Bitcoin (BTC) hovered above $16,000 on the Nov. 28 Wall Street open as analysts diverged on what to expect from the next market move.

BTC/USD 1-hour candle chart (Bitstamp). Source: TradingView

Bitcoin spot price near key support

Data from Cointelegraph Markets Pro and TradingView showed BTC/USD maintaining the $16,000 support level at the time of writing amid misgivings over China’s impact on risk assets.

After a modestly higher weekly close, the pair still lacked volatility as one commentator warned of a “teleport” toward $12,000 should $16,000 break.

“When it breaks below 16k, it teleports to 12k-14k,” Il Capo of Crypto insisted.

Popular Twitter account Credible Crypto asked where the volatility had gone, while Crypto Tony likewise identified $16,000 as a line in the sand for his own trading strategy.

“Finally some movement .. Stop loss firmly remains at $16,000, but will close if hit and look for shorts if we then proceed to close below the support zone and flip into resistance,” part of a tweet read on the day.

BTC/USD annotated chart. Source: Crypto Tony/Twitter

Fellow trader Pentoshi meanwhile focused on macro triggers as Chinese protests over the country’s COVID-19 containment strategies weighed on sentiment.

The S&P 500, he predicted, was due a rejection next, setting the tone for a long-term downtrend to continue.

S&P 500 1-week candle chart. Source: TradingView

$19,500 could become the new BTC price ceiling

Others drew attention to the upcoming monthly close amid a lack of catalysts elsewhere at the start of the week.
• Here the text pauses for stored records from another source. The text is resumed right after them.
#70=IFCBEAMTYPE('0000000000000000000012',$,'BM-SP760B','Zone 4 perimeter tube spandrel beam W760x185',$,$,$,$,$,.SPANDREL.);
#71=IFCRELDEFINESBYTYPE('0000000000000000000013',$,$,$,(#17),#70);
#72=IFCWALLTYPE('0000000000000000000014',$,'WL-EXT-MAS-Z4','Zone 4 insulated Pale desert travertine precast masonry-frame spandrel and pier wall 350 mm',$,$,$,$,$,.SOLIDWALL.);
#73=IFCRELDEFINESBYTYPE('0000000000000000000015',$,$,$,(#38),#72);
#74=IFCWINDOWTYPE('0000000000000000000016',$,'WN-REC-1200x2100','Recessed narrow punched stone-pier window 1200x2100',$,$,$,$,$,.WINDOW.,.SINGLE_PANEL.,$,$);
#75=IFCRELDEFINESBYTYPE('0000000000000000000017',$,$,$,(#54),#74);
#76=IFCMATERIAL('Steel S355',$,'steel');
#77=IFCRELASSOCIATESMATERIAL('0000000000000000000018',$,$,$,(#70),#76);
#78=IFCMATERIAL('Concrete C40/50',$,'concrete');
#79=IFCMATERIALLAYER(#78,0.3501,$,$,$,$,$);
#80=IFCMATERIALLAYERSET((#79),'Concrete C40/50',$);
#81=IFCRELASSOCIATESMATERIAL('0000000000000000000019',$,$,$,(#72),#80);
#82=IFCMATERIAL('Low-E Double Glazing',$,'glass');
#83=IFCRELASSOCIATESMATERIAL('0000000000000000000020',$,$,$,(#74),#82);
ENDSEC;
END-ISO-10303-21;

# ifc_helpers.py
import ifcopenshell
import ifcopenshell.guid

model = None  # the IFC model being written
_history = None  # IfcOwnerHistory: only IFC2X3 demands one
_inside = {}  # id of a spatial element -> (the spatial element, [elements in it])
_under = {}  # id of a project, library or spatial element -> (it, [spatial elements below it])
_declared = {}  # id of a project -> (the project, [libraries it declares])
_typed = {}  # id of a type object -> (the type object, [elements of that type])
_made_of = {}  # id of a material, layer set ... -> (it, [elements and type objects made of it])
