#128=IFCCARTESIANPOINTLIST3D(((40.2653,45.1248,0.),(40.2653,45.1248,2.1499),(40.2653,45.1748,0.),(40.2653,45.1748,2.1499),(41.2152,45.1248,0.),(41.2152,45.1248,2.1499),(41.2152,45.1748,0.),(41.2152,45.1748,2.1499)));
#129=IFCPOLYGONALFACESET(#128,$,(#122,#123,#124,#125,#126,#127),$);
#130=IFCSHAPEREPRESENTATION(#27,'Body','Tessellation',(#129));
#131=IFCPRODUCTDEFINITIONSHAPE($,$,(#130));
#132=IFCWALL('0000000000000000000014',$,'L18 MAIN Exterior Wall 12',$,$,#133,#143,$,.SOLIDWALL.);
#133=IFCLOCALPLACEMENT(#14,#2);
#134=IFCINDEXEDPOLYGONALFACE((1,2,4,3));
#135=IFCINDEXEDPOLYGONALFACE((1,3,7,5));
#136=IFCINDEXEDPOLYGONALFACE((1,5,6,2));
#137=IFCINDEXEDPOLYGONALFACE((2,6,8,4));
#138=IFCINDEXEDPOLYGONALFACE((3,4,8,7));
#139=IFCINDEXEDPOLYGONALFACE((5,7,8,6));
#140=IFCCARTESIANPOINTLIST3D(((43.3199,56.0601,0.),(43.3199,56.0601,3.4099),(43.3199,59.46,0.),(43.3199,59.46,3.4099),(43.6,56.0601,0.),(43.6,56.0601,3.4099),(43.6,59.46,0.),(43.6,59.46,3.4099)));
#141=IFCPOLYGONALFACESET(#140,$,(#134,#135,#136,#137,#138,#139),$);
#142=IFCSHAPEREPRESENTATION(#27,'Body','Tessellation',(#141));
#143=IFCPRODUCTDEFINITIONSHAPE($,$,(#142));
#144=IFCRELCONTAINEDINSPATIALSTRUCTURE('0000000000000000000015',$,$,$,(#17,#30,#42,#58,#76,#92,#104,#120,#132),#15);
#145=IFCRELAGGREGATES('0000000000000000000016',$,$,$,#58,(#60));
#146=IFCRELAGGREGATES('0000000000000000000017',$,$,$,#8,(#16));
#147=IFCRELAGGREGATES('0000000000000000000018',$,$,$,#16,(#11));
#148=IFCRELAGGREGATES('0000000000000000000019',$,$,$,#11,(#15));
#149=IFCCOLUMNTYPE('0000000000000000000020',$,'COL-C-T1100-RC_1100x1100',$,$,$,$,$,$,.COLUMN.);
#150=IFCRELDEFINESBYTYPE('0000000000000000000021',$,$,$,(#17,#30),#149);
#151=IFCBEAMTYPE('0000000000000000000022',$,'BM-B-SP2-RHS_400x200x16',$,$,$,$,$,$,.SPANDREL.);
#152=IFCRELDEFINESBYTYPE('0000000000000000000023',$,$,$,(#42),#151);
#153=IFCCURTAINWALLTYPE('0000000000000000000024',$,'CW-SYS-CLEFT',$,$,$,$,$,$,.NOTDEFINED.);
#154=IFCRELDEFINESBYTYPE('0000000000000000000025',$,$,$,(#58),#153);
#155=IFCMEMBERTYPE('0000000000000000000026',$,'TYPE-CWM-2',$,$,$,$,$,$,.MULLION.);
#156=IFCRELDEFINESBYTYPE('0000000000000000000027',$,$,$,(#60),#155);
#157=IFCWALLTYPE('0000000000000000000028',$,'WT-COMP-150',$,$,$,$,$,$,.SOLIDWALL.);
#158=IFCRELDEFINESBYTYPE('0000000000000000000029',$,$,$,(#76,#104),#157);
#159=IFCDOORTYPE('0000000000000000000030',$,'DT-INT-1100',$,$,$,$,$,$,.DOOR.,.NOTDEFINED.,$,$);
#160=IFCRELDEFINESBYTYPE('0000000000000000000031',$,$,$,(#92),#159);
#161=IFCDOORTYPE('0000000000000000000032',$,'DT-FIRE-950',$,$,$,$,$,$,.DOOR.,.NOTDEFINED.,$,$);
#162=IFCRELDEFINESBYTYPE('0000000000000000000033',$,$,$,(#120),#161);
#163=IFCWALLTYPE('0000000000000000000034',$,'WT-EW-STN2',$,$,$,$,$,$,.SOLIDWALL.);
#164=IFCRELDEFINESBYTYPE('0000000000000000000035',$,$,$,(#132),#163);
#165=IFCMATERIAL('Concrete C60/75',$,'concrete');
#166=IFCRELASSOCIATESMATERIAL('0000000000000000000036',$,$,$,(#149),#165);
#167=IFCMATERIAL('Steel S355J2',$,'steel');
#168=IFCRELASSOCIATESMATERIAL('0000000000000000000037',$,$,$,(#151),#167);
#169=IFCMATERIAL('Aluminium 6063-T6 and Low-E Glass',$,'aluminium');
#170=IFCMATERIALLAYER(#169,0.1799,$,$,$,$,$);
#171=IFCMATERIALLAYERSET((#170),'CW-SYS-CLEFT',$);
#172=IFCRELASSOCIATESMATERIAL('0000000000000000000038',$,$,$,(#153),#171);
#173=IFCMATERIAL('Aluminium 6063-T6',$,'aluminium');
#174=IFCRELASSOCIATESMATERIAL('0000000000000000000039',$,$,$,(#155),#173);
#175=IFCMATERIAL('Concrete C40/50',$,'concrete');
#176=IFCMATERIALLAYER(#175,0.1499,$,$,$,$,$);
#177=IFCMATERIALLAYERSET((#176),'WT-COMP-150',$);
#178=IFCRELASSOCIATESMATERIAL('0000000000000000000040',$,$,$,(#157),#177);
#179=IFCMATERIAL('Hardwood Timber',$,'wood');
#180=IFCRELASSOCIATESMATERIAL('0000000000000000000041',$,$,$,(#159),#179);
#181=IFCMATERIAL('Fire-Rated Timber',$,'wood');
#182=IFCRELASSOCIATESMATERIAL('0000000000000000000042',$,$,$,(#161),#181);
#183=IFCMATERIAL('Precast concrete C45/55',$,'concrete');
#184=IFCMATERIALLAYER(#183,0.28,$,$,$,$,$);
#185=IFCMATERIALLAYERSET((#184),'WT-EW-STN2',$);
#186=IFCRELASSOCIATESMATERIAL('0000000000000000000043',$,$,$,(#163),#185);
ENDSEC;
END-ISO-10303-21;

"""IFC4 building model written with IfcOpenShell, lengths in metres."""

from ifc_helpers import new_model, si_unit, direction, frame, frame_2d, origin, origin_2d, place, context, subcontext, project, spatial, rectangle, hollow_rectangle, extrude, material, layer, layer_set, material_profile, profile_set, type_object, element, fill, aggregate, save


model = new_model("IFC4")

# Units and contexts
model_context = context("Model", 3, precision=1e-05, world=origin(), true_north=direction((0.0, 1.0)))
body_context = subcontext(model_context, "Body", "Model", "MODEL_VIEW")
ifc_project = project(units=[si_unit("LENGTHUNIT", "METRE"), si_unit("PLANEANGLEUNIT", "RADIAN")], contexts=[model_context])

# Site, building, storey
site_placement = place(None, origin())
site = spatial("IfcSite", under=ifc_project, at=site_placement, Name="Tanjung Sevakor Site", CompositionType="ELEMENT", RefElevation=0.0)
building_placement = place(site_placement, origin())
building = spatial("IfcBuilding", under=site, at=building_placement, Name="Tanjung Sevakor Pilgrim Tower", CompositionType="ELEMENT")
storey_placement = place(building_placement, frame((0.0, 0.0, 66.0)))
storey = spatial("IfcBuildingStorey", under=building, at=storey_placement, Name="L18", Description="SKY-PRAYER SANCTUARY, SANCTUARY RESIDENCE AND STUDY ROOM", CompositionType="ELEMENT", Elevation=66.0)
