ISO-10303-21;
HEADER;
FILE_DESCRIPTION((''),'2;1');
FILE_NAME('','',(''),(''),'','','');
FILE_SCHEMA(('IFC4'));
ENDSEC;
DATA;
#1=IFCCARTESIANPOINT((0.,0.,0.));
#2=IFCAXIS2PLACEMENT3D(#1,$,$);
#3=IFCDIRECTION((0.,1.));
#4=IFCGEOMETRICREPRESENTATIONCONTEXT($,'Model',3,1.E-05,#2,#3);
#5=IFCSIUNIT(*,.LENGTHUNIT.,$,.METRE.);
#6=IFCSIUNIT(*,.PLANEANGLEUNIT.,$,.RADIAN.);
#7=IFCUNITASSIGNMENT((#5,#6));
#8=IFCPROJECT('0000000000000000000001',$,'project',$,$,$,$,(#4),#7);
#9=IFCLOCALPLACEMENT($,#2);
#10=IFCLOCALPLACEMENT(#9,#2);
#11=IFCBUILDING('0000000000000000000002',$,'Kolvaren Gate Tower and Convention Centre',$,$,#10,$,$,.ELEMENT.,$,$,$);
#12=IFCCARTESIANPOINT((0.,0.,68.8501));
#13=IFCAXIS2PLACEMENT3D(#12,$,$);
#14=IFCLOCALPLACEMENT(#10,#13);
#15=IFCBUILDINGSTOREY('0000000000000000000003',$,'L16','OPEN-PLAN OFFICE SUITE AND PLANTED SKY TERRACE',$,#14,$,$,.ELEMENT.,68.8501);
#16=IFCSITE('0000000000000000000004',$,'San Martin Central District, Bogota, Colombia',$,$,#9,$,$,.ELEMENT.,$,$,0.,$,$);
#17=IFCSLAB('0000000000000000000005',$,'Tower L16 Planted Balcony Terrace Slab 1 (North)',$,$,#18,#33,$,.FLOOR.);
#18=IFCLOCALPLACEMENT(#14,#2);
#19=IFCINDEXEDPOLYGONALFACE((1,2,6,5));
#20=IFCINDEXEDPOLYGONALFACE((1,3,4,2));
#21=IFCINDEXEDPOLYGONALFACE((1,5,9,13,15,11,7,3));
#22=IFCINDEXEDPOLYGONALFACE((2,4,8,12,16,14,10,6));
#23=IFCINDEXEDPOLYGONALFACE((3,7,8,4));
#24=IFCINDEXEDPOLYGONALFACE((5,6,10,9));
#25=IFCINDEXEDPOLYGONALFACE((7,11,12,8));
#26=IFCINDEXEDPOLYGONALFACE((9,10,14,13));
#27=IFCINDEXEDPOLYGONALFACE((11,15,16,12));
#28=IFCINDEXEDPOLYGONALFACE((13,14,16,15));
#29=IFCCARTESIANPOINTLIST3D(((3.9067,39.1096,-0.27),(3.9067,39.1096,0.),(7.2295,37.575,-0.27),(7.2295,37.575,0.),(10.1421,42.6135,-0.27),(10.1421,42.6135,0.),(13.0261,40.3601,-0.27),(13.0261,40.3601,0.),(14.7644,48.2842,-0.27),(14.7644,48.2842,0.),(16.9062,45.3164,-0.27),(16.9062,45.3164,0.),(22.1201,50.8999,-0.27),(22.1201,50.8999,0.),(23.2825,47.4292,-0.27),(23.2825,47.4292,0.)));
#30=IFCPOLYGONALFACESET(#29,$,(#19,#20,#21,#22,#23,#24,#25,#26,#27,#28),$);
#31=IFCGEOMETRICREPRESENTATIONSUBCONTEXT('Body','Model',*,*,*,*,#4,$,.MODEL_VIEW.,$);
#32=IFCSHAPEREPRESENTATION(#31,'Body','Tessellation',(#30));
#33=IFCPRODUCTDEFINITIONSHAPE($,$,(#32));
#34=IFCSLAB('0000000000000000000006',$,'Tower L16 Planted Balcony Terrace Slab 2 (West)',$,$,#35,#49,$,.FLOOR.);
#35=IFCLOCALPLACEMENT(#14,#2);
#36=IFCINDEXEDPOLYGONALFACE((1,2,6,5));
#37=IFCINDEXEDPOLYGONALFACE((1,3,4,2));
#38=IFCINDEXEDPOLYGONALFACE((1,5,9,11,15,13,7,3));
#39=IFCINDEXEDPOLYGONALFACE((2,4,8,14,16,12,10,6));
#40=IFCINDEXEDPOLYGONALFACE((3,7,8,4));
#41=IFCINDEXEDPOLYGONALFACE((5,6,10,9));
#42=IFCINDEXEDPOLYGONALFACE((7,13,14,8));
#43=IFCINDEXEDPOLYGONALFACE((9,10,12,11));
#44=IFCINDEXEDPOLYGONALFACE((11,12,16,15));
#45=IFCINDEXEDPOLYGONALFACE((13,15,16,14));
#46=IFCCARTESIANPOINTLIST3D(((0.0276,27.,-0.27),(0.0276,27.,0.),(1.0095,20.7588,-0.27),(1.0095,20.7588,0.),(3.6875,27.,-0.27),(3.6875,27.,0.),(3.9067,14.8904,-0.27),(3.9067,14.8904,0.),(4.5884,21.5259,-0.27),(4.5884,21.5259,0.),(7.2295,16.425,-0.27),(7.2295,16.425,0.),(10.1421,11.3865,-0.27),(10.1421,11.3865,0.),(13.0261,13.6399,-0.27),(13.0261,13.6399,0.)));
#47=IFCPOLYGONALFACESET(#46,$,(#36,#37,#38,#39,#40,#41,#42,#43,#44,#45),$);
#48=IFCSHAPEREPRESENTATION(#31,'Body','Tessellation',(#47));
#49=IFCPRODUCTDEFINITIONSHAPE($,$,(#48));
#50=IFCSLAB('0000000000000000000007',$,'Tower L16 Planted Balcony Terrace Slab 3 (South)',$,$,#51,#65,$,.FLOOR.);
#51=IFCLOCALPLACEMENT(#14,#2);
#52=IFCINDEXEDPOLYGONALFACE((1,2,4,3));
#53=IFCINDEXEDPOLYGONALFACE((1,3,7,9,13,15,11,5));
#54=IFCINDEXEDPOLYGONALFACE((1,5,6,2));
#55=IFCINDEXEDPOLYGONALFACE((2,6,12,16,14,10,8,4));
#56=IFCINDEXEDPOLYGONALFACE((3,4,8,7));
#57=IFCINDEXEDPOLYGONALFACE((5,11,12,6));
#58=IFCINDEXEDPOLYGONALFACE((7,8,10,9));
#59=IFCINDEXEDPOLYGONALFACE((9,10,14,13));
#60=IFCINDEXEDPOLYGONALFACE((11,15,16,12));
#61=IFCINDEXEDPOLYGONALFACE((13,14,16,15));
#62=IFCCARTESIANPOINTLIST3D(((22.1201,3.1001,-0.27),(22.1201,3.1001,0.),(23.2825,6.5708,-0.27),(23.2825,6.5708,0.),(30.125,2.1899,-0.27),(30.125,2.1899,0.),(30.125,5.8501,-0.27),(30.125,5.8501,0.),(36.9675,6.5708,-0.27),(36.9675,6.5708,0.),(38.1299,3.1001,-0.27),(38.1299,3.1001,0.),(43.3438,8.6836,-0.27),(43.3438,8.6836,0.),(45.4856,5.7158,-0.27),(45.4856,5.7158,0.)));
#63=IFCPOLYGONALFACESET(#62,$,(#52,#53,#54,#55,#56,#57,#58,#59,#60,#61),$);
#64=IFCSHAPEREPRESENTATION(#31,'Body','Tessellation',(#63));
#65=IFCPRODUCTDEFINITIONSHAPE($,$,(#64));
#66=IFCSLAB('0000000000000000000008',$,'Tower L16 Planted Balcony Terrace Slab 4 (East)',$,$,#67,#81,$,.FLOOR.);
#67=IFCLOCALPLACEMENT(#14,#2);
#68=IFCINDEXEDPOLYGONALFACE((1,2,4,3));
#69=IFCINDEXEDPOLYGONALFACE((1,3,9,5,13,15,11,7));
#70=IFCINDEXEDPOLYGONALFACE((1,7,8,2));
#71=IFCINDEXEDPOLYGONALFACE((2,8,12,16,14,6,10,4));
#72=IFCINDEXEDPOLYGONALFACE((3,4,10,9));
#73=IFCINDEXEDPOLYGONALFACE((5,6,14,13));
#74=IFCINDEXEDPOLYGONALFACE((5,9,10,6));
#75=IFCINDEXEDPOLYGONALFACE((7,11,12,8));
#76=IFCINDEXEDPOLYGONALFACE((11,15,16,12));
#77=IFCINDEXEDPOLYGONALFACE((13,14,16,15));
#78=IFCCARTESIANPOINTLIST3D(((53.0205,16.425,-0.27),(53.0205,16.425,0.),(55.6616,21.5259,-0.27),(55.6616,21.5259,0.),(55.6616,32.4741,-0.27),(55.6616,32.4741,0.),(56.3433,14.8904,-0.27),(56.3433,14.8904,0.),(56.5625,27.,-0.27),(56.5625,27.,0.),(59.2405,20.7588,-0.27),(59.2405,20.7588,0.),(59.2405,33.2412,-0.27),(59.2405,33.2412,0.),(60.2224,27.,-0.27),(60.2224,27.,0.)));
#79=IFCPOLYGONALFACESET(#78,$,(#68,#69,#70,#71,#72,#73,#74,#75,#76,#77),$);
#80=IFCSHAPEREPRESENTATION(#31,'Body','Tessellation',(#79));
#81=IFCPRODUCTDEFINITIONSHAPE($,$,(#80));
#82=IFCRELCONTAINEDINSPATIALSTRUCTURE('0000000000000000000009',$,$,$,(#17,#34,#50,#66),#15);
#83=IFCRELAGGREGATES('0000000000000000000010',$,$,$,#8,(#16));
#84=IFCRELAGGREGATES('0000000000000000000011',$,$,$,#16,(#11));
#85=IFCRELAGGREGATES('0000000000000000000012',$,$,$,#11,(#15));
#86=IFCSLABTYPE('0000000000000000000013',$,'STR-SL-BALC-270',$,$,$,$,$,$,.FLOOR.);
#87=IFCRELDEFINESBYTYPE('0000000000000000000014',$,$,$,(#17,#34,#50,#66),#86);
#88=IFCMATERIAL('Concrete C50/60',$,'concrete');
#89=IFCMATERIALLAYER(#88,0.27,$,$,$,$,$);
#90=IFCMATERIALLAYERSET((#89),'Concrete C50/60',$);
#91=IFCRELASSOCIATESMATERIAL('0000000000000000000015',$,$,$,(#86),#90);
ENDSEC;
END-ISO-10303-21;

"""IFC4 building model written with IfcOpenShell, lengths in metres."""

from ifc_helpers import new_model, si_unit, direction, frame, origin, place, context, subcontext, project, spatial, polyline, outline, extrude, material, layer, layer_set, type_object, element, save


model = new_model("IFC4")

# Units and contexts
model_context = context("Model", 3, precision=1e-05, world=origin(), true_north=direction((0.0, 1.0)))
body_context = subcontext(model_context, "Body", "Model", "MODEL_VIEW")
ifc_project = project(units=[si_unit("LENGTHUNIT", "METRE"), si_unit("PLANEANGLEUNIT", "RADIAN")], contexts=[model_context])

# Site, building, storey
site_placement = place(None, origin())
site = spatial("IfcSite", under=ifc_project, at=site_placement, Name="San Martin Central District, Bogota, Colombia", CompositionType="ELEMENT", RefElevation=0.0)
building_placement = place(site_placement, origin())
building = spatial("IfcBuilding", under=site, at=building_placement, Name="Kolvaren Gate Tower and Convention Centre", CompositionType="ELEMENT")
storey_placement = place(building_placement, frame((0.0, 0.0, 68.8501)))
storey = spatial("IfcBuildingStorey", under=building, at=storey_placement, Name="L16", Description="OPEN-PLAN OFFICE SUITE AND PLANTED SKY TERRACE", CompositionType="ELEMENT", Elevation=68.8501)

# Slabs
ifc_material_1 = material(Name="Concrete C50/60", Category="concrete")
ifc_layer_1 = layer(ifc_material_1, 0.27)
ifc_layer_set_1 = layer_set([ifc_layer_1], Name="Concrete C50/60")
slab_type_1 = type_object("IfcSlabType", Name="STR-SL-BALC-270", PredefinedType="FLOOR", material=ifc_layer_set_1)
slab_1_placement = place(storey_placement, frame((0.0, 0.0, -0.27)))
element("IfcSlab", 1, at=slab_1_placement, inside=storey, type_object=slab_type_1, Name="Tower L16 Planted Balcony Terrace Slab 1 (North)", PredefinedType="FLOOR", context=body_context, shape_type="SweptSolid", body=[
    extrude(outline(polyline([(23.2825, 47.4292), (16.9062, 45.3164), (13.0261, 40.3601), (7.2295, 37.575), (3.9067, 39.1096), (10.1421, 42.6135), (14.7644, 48.2842), (22.1201, 50.8999), (23.2825, 47.4292)])), origin(), (0.0, 0.0, 1.0), 0.27),
])
slab_2_placement = place(storey_placement, frame((0.0, 0.0, -0.27)))
element("IfcSlab", 2, at=slab_2_placement, inside=storey, type_object=slab_type_1, Name="Tower L16 Planted Balcony Terrace Slab 2 (West)", PredefinedType="FLOOR", context=body_context, shape_type="SweptSolid", body=[
    extrude(outline(polyline([(3.6875, 27.0), (4.5884, 21.5259), (7.2295, 16.425), (13.0261, 13.6399), (10.1421, 11.3865), (3.9067, 14.8904), (1.0095, 20.7588), (0.0276, 27.0), (3.6875, 27.0)])), origin(), (0.0, 0.0, 1.0), 0.27),
])
slab_3_placement = place(storey_placement, frame((0.0, 0.0, -0.27)))
element("IfcSlab", 3, at=slab_3_placement, inside=storey, type_object=slab_type_1, Name="Tower L16 Planted Balcony Terrace Slab 3 (South)", PredefinedType="FLOOR", context=body_context, shape_type="SweptSolid", body=[
    extrude(outline(polyline([(23.2825, 6.5708), (30.125, 5.8501), (36.9675, 6.5708), (43.3438, 8.6836), (45.4856, 5.7158), (38.1299, 3.1001), (30.125, 2.1899), (22.1201, 3.1001), (23.2825, 6.5708)])), origin(), (0.0, 0.0, 1.0), 0.27),
])
slab_4_placement = place(storey_placement, frame((0.0, 0.0, -0.27)))
element("IfcSlab", 4, at=slab_4_placement, inside=storey, type_object=slab_type_1, Name="Tower L16 Planted Balcony Terrace Slab 4 (East)", PredefinedType="FLOOR", context=body_context, shape_type="SweptSolid", body=[
    extrude(outline(polyline([(53.0205, 16.425), (55.6616, 21.5259), (56.5625, 27.0), (55.6616, 32.4741), (59.2405, 33.2412), (60.2224, 27.0), (59.2405, 20.7588), (56.3433, 14.8904), (53.0205, 16.425)])), origin(), (0.0, 0.0, 1.0), 0.27),
])

save(model, "model.ifc")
Related: New BTC miner capitulation? 5 things to know in Bitcoin this week

Beyond a source of potential volatility, trader and analyst Rekt Capital noted that Bitcoin’s monthly closing price would determine its longer-term price range.

“When BTC lost the ~$19500 level as support... It broke down into the ~$13900-$19500 Monthly Range,” he explained on the day.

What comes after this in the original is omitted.